July 19, 2021 - 7:00am

Liu Cixin may be most important science fiction writer alive today. His trilogy Remembrance of Earth’s Past has been translated into twenty languages and sold eight million copies worldwide. It’s first volume, The Three Body Problem, will be adapted for Netflix by the showrunners behind Game of Thrones. 

Cixin’s fans include Barack Obama, Mark Zuckerberg, former Chinese Vice President Li Yuanchao, and the London Review of Books. It described his trilogy as “one of the most ambitious works of science fiction ever written.”

On July 11th, Chinese state-media outlet The Global Times reported that the author had joined the AI company SenseTime as director of the “Science Fiction Planet Research Center.”

Cixin told the World Artificial Intelligence Conference in Shanghai that he hoped to collaborate with SenseTime on new immersive worlds. Users would soon be able to “experience the vastness of the universe, the insignificance of human beings, and the infinite possibilities in the future”, he said. 

SenseTime does not just make games. It is also one of several firms involved in developing surveillance technology to help the Chinese government track and control the Uyghur population around Xinjiang, and elsewhere in China

According to the New York Times, SenseTime, along with four other companies, is the first to use to explicitly use this technology for racial profiling. As many as two million Uyghurs are currently detained in forced labour camps and re-education centres in Xinjiang.

Cixin lives in China and is a supporter of the Communist Party. He was asked about the Uyghurs in a 2019 New Yorker profile. Cixin’s defence of Chinese government policy followed the party line:

“Would you rather that they be hacking away at bodies at train stations and schools in terrorist attacks? If anything, the government is helping their economy and trying to lift them out of poverty… I know what you are thinking — ‘What about individual liberty and freedom of governance?’ But that’s not what Chinese people care about. For ordinary folks, it’s the cost of health care, real-estate prices, their children’s education.”
- Liu Cixin, 2019

André Gide once said that every good writer ought to navigate against the current. Cixin is a great writer, but he is clearly willing — or feels obligated —  to swim with the tide. In the context of his comments to The New Yorker, his work with SenseTime comes as little surprise.

Cixin’s importance operates at two levels. There is the sheer imaginative brilliance of the Remembrance of Earth’s Past Trilogywhich takes place over the course of 18 million years, and details a brutal, Hobbesian struggle between humanity and a technologically advanced alien race.

Then there is Cixin as a representative of China at this moment in its history. Just as H.G. Wells’ science fiction probed deep anxieties in Britain at at time of unprecedented scientific change, Cixin writes speculative fiction as China expands and advances as a 21st century superpower.

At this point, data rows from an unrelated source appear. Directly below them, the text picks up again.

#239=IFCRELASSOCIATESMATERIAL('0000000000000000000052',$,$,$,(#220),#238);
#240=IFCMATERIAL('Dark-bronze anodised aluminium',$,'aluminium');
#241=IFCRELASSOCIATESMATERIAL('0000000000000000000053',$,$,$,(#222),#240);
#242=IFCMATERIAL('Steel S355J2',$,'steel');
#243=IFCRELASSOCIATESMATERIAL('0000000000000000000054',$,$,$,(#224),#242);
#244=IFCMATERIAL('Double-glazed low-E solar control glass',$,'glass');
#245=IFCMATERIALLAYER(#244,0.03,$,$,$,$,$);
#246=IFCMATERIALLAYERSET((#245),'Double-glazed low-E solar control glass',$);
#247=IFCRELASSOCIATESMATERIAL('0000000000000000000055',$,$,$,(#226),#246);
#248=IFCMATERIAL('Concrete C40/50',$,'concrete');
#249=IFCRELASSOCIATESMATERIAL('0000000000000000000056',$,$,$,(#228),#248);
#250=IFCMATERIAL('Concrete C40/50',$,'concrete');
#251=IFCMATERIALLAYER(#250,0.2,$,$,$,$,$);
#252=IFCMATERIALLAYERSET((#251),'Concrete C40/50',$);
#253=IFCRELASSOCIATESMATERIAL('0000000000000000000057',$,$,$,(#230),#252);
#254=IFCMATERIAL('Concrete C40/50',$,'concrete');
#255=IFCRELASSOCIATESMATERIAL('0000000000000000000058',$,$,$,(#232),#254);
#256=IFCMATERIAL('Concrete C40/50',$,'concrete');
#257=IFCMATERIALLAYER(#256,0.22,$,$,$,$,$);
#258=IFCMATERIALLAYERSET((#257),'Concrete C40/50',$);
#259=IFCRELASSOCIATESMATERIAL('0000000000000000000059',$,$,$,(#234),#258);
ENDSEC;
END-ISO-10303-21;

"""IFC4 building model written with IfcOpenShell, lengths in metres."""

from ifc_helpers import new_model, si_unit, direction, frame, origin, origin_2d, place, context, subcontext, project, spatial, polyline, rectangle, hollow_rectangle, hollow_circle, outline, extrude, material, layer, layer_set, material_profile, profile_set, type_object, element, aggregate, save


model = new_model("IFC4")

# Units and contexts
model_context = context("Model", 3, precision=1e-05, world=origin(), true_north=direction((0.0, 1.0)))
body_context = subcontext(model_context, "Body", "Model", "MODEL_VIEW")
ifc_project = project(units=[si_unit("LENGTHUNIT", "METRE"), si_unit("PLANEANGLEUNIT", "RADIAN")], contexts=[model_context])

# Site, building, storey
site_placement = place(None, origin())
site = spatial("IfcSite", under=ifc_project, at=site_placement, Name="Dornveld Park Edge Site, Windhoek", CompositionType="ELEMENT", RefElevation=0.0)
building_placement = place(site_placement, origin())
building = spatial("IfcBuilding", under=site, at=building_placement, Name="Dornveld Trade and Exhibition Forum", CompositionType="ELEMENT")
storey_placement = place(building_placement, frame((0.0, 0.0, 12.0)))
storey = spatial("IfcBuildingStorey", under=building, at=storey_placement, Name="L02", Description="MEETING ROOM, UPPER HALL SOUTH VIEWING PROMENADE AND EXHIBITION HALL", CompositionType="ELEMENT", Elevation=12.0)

Wells, like many progressives in Britain at the turn of the last century, looked forward to the inevitable arrival of a  rational World State ruled by an elite caste of scientists and engineers. Cixin has no such vision. In his novels, kindness gets characters killed, idealism is a luxury, and realpolitik is the only sane approach to geopolitical conflict. Unlike Wells, who also wrote fine social comedies, Cixin’s views human beings as they interact in systems and institutions. It is a cold view.

It would be easy to draw a line from the bleak outlook of Cixin’s fiction to his decision to work for a company that is involved in what is being described as a genocide. “In a time of war”, says one of his characters, “we can’t afford to be too scrupulous.” Cixin doesn’t appear to have many scruples about Xinjiang.

Then again, the pressures Cixin may be under as the most celebrated writer in a totalitarian society are not known. They can be guessed at though. Consider what he wrote in the afterword to the English edition of The Three Body Problem:

“I cannot escape and leave behind reality, just like I cannot leave behind my shadow. Reality brands each of us with its indelible mark. Every era puts invisible shackles on those who have lived through it, and I can only dance in my chains.”
- Liu Cixin

H.G. Wells was not bound by ‘invisible shackles’ like Liu Cixin.